When there is no risk of confusion, elements of Sets will be
identified with the sets they represent. For instance, if U is
the result of calling union/2
with S1 and S2 as
arguments, then U is said to be the union of S1 and S2. A more
precise formulation would be that Set(U) is the union of Set(S1)
and Set(S2).
The types are used to implement the various conditions that sets need to fulfill. As an example, consider the relative product of two sets R and S, and recall that the relative product of R and S is defined if R is a binary relation to Y and S is a binary relation from Y. The function that implements the relative product, relative_product/2, checks that the arguments represent binary relations by matching [{A,B}] against the type of the first argument (Arg1 say), and [{C,D}] against the type of the second argument (Arg2 say). The fact that [{A,B}] matches the type of Arg1 is to be interpreted as Arg1 representing a binary relation from X to Y, where X is defined as all sets Set(x) for some element x in Sets the type of which is A, and similarly for Y. In the same way Arg2 is interpreted as representing a binary relation from W to Z. Finally it is checked that B matches C, which is sufficient to ensure that W is equal to Y. The untyped empty set is handled separately: its type, ['_'], matches the type of any unordered set.

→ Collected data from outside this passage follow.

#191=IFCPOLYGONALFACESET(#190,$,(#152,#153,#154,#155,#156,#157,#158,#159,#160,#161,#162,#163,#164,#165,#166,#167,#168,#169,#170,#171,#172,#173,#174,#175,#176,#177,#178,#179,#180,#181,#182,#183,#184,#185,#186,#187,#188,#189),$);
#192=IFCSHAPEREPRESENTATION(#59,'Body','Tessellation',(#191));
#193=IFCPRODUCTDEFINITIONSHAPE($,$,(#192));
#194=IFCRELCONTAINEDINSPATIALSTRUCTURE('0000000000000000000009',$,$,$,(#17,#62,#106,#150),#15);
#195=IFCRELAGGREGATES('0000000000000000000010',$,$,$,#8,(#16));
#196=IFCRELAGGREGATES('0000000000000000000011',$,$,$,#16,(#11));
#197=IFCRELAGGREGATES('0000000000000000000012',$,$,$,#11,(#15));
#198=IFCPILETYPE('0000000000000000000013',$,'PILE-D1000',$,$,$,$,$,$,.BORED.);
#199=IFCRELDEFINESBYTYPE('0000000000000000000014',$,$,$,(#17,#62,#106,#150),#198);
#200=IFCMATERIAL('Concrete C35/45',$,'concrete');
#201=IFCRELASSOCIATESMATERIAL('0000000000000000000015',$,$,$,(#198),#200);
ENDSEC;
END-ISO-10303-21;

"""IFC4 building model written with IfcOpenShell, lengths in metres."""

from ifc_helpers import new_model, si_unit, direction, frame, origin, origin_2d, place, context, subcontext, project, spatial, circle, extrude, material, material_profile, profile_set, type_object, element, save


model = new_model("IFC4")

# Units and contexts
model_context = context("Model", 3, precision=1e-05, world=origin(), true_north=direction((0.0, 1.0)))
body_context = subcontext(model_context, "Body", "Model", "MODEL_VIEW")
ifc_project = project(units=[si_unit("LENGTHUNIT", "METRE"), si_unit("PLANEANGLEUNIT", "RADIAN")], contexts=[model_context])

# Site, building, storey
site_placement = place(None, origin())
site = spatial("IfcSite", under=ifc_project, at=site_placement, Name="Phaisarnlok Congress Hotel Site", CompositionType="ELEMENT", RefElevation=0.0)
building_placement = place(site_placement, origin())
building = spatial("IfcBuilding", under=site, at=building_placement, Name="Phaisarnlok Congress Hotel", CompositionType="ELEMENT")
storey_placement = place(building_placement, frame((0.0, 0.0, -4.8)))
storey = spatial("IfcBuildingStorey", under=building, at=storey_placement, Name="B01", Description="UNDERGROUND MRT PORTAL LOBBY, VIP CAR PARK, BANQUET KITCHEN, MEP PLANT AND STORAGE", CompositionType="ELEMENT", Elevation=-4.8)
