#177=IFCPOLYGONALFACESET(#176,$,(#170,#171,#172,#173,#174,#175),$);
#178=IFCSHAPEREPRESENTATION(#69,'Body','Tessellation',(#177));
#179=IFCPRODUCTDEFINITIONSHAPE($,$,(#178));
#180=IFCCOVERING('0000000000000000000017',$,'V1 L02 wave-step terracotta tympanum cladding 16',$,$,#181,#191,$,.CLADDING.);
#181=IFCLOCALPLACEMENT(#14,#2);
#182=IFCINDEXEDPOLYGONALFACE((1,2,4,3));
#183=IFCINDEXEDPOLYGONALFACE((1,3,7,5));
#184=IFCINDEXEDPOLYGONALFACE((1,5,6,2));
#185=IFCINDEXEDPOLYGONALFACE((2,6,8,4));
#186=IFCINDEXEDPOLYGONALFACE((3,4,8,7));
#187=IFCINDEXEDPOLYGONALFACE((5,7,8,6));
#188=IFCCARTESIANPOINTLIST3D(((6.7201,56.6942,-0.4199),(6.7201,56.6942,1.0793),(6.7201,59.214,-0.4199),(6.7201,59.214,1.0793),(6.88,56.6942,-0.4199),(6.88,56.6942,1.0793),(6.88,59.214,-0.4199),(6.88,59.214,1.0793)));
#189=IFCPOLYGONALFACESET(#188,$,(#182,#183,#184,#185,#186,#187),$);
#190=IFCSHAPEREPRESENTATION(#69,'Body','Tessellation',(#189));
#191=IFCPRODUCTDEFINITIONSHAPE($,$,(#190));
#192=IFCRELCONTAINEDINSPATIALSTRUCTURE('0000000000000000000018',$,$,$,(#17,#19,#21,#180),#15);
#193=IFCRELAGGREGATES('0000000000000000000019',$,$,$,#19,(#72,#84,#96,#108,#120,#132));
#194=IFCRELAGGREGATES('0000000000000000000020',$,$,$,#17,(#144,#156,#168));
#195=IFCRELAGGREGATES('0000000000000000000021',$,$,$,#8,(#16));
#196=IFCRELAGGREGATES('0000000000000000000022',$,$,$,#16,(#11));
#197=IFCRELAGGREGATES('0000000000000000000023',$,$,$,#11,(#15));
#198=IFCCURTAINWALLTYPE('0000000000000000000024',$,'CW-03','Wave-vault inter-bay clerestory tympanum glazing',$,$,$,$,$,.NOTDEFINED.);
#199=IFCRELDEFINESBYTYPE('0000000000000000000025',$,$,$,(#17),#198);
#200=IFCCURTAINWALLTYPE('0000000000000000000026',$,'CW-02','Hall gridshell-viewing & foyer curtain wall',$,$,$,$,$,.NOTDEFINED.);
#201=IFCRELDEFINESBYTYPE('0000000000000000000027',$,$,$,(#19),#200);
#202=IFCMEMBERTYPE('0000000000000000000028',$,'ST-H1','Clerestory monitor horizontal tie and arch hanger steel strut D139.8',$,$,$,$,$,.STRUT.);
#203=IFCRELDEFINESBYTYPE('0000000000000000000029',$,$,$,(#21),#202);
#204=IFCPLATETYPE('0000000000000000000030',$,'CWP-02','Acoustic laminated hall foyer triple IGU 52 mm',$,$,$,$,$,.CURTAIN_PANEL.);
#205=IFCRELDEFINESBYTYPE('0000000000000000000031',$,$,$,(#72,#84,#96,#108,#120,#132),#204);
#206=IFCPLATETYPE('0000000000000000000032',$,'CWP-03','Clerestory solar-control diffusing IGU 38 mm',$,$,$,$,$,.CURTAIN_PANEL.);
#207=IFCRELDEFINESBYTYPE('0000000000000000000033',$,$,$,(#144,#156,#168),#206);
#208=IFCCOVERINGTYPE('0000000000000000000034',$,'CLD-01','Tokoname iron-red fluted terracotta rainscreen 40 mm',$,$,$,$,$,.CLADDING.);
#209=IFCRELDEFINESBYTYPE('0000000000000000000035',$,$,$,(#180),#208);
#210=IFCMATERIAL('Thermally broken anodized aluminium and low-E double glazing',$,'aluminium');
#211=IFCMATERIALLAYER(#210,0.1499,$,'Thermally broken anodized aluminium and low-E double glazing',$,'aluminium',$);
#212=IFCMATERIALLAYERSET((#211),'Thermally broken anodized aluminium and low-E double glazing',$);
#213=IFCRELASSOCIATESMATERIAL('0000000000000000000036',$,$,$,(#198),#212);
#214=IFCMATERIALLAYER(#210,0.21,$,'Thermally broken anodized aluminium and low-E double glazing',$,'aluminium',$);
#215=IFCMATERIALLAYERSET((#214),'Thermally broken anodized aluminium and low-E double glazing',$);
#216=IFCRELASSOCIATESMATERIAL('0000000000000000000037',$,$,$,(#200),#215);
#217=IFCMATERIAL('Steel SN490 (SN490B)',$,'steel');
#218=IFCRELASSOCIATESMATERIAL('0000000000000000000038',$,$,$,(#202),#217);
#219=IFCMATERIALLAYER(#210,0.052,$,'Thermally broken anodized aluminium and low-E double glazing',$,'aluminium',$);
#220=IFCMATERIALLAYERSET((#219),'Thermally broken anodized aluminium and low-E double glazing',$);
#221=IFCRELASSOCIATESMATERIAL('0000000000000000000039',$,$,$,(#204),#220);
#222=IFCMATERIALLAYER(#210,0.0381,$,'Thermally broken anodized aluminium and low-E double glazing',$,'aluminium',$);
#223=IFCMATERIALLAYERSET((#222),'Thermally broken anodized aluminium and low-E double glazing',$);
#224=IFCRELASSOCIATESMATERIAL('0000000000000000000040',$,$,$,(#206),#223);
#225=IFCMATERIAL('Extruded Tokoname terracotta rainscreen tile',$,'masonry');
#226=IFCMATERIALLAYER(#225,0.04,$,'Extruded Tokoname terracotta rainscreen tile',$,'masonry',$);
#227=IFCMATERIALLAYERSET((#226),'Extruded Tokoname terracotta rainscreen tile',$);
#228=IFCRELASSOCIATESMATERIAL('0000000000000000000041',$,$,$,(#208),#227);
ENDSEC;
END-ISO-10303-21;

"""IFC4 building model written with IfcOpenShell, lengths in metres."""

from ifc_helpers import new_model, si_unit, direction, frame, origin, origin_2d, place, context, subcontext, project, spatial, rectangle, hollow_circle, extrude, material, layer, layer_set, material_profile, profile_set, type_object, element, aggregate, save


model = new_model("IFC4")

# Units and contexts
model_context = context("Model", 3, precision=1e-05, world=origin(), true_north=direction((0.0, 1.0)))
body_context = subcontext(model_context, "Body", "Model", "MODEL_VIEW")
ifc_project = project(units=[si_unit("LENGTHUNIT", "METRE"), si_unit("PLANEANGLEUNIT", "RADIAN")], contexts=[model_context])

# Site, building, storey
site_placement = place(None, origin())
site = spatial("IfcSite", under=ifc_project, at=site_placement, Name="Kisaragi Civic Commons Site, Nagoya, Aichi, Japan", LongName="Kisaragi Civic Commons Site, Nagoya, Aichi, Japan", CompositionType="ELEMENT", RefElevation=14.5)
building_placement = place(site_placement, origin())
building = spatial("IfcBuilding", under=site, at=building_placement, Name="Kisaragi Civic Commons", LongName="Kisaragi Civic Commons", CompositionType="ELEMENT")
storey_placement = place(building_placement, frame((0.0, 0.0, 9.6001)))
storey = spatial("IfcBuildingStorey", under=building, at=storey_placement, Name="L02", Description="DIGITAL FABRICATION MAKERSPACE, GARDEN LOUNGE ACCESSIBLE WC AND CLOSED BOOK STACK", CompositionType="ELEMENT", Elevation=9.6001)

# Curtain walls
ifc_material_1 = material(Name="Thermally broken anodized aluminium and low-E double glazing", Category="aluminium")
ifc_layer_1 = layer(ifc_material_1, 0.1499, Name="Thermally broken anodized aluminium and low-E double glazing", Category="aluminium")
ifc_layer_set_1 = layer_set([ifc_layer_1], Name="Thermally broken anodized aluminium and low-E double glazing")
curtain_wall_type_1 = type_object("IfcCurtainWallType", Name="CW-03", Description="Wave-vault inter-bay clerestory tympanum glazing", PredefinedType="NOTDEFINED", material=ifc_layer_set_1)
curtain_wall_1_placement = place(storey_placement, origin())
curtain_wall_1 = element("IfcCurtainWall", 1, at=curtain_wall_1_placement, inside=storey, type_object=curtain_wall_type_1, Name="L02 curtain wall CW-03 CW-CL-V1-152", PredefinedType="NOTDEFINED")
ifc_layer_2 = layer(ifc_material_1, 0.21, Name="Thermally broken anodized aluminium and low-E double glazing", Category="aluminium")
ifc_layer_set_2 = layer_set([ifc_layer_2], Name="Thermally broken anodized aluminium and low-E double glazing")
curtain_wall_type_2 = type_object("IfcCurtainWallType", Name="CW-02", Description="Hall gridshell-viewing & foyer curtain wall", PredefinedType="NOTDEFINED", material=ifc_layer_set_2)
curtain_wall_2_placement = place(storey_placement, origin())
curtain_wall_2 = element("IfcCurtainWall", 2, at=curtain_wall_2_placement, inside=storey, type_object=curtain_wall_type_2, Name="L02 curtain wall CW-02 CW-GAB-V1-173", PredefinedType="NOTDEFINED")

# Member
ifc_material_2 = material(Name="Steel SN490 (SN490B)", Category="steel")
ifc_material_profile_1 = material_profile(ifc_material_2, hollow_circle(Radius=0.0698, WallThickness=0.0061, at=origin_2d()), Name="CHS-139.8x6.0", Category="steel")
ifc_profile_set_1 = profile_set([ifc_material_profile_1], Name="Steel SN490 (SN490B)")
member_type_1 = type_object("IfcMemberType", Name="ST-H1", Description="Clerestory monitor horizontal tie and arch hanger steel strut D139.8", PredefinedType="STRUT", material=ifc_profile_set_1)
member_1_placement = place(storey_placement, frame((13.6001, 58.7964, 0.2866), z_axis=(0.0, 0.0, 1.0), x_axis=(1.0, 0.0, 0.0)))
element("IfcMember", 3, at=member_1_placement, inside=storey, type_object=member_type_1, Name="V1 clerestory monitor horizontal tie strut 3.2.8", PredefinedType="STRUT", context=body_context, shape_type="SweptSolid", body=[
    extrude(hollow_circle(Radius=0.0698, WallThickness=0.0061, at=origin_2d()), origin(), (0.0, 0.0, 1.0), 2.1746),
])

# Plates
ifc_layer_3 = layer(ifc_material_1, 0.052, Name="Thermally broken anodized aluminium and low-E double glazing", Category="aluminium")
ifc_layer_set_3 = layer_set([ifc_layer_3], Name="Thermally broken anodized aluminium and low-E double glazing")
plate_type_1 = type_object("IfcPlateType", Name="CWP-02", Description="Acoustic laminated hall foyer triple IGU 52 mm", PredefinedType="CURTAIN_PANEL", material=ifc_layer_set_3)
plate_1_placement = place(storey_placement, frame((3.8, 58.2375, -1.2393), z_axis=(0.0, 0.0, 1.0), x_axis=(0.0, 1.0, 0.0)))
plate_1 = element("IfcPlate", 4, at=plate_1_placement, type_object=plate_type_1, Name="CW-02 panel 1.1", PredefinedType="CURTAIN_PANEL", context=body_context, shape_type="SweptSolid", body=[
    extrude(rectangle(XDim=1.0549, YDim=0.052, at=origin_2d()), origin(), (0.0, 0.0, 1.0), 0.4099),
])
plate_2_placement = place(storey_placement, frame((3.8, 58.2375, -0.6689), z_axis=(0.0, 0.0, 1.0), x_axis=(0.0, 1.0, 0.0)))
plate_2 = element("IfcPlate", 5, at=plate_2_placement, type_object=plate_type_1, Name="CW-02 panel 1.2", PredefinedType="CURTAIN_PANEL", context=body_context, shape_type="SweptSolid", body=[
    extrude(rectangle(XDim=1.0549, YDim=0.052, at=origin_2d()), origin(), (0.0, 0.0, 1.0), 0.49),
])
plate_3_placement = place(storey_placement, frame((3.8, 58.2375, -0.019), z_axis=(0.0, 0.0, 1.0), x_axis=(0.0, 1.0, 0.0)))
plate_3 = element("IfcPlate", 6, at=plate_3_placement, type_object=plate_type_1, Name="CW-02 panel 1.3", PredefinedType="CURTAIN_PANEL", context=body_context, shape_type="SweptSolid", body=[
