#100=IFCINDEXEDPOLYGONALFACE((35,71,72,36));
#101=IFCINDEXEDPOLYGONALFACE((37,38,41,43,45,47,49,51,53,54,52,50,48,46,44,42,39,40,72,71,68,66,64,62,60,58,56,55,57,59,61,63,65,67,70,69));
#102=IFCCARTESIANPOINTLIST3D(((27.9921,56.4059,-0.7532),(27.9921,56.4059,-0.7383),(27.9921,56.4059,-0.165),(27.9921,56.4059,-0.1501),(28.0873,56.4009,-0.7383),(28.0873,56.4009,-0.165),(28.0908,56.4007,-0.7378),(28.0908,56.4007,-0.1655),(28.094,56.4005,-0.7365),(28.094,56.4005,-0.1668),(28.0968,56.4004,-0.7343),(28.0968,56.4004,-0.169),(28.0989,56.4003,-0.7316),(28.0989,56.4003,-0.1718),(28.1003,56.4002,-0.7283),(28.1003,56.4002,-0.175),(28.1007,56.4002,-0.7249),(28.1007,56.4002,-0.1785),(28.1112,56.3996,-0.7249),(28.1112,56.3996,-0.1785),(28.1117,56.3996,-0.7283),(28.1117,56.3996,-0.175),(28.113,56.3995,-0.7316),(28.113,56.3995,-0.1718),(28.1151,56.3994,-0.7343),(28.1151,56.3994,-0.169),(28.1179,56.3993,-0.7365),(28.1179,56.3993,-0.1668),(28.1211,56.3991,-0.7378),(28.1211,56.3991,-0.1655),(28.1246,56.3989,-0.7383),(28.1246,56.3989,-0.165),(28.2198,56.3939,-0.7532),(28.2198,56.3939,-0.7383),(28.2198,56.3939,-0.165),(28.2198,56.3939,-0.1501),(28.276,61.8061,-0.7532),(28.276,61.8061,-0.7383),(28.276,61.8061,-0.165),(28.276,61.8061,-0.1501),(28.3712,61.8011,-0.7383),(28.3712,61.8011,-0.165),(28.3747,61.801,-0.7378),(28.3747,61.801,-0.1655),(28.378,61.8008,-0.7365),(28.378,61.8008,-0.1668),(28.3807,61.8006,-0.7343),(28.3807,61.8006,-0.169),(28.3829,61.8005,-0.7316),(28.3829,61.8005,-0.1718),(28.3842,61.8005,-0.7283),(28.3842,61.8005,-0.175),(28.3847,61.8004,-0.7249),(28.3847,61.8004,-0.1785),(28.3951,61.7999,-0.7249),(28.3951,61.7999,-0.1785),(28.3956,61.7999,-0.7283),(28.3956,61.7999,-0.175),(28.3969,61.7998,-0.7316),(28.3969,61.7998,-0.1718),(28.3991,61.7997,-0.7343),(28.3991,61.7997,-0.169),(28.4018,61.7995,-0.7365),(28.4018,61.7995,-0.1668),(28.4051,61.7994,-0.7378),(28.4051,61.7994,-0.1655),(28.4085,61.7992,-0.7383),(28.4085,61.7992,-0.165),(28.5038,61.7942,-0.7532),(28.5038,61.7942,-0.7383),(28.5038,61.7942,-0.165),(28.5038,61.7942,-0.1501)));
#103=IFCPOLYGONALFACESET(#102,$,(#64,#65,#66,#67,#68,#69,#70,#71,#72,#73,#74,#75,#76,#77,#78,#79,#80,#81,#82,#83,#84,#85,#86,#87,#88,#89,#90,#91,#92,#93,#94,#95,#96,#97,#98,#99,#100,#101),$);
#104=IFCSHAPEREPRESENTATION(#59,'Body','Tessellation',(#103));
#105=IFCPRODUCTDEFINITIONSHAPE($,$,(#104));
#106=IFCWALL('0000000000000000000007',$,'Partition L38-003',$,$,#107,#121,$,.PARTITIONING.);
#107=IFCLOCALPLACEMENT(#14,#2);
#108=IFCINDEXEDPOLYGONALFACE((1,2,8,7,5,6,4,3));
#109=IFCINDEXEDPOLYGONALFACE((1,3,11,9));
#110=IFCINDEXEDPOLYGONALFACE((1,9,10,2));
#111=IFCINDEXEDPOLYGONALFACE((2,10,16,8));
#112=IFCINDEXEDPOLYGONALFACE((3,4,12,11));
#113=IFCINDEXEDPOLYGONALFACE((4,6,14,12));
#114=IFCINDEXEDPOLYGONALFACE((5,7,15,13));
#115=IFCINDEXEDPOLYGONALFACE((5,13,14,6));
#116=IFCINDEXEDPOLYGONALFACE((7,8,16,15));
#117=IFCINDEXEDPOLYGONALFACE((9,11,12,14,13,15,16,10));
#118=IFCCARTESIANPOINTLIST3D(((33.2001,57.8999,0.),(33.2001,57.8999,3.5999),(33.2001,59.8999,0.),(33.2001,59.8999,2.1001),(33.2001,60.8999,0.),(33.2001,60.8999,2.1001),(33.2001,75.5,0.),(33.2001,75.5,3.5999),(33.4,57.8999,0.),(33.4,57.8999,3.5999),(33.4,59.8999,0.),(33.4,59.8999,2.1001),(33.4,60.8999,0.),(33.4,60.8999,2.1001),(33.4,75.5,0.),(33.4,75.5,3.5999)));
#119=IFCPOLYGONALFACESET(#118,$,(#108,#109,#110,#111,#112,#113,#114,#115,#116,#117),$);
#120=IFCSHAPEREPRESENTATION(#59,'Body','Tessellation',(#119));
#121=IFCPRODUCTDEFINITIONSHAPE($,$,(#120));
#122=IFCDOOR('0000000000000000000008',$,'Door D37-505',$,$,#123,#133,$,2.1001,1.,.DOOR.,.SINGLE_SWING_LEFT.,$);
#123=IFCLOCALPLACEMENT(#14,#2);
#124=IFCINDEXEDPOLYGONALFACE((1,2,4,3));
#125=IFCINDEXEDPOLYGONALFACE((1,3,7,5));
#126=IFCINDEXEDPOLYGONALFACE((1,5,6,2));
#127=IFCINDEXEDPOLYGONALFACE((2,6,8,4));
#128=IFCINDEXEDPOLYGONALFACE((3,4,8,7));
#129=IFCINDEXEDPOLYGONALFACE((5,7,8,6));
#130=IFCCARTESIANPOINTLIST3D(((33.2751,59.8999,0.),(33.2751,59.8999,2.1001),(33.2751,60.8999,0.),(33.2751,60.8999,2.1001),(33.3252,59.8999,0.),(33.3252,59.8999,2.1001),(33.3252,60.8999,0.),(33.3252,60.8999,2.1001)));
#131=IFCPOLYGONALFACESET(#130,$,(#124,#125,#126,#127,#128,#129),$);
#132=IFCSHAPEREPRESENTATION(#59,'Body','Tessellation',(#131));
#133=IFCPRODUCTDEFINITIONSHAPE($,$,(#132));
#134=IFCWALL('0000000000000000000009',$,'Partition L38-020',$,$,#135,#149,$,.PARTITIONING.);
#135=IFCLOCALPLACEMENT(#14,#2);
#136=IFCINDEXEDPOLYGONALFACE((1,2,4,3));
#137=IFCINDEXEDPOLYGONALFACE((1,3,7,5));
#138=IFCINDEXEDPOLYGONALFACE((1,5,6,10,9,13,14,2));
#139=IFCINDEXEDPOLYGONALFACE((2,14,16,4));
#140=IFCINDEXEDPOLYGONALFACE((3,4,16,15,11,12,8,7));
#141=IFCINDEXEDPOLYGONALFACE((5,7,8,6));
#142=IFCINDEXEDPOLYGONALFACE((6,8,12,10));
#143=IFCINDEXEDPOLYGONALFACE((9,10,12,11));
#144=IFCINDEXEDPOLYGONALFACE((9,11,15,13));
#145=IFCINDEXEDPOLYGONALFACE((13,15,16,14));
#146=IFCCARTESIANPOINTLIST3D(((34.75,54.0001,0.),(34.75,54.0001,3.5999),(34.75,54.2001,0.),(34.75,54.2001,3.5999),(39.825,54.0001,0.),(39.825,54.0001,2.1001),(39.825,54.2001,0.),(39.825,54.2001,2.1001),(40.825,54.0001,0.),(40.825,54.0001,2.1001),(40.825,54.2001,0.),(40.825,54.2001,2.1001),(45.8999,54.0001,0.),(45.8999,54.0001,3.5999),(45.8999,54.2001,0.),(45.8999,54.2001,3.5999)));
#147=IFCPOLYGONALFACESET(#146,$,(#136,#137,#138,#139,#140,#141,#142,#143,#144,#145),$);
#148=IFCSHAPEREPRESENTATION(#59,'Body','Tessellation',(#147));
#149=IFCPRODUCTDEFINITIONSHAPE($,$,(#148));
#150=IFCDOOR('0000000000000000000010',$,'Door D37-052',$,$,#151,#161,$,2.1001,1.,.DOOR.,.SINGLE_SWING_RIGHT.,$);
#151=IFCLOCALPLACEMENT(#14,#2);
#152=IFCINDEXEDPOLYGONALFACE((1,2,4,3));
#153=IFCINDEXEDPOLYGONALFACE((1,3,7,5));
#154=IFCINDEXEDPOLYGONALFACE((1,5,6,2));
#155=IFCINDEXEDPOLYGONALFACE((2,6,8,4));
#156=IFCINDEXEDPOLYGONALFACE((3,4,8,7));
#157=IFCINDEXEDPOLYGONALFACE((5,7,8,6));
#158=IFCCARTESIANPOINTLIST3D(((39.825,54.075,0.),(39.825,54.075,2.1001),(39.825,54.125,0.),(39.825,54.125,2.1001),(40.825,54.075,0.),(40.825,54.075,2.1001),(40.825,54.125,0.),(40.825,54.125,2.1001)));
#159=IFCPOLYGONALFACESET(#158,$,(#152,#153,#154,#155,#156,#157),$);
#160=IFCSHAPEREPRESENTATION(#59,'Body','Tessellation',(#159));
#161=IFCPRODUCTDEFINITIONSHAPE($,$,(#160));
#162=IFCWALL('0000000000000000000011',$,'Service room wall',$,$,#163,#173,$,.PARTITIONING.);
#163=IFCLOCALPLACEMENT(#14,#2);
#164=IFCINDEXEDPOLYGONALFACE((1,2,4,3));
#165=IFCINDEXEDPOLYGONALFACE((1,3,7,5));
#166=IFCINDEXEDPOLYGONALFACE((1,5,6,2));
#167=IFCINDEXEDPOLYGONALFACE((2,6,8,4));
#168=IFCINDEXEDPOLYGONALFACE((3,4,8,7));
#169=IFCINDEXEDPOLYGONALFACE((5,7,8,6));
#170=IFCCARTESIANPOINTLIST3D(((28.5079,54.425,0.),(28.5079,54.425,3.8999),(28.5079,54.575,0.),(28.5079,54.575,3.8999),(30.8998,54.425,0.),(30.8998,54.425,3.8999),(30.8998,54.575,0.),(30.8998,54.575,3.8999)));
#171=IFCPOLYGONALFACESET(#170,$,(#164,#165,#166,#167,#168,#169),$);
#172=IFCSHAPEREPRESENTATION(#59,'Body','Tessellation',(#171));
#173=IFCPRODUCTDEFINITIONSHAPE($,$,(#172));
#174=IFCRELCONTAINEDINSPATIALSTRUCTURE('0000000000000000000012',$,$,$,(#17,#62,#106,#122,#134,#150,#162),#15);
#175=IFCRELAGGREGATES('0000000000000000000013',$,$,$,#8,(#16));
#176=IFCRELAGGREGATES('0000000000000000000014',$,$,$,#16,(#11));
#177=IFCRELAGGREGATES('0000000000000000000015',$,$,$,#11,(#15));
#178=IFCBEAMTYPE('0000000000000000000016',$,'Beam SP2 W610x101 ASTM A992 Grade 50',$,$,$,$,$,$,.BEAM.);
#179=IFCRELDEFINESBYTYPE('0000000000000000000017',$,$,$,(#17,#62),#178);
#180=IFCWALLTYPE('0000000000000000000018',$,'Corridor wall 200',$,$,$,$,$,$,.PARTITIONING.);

A few functions of this module (drestriction/3
,
family_projection/2
, partition/2
,
partition_family/2
, projection/2
,
restriction/3
, substitution/2
) accept an Erlang
function as a means to modify each element of a given unordered
set. Such a function, called
SetFun in the following, can be
specified as a functional object (fun), a tuple
{external, Fun}
, or an integer. If SetFun is
specified as a fun, the fun is applied to each element of the
given set and the return value is assumed to be a set. If SetFun
is specified as a tuple {external, Fun}
, Fun is applied
to the external set of each element of the given set and the
return value is assumed to be an external set. Selecting the
elements of an unordered set as external sets and assembling a
new unordered set from a list of external sets is in the present
implementation more efficient than modifying each element as a
set. However, this optimization can only be utilized when the
elements of the unordered set are atomic or ordered sets. It
must also be the case that the type of the elements matches some
clause of Fun (the type of the created set is the result of
applying Fun to the type of the given set), and that Fun does
nothing but selecting, duplicating or rearranging parts of the
elements. Specifying a SetFun as an integer I is equivalent to
specifying {external, fun(X) -> element(I, X) end}
,
but is to be preferred since it makes it possible to handle this
case even more efficiently. Examples of SetFuns:
fun sofs:union/1 fun(S) -> sofs:partition(1, S) end {external, fun(A) -> A end} {external, fun({A,_,C}) -> {C,A} end} {external, fun({_,{_,C}}) -> C end} {external, fun({_,{_,{_,E}=C}}) -> {E,{E,C}} end} 2
The order in which a SetFun is applied to the elements of an unordered set is not specified, and may change in future versions of sofs.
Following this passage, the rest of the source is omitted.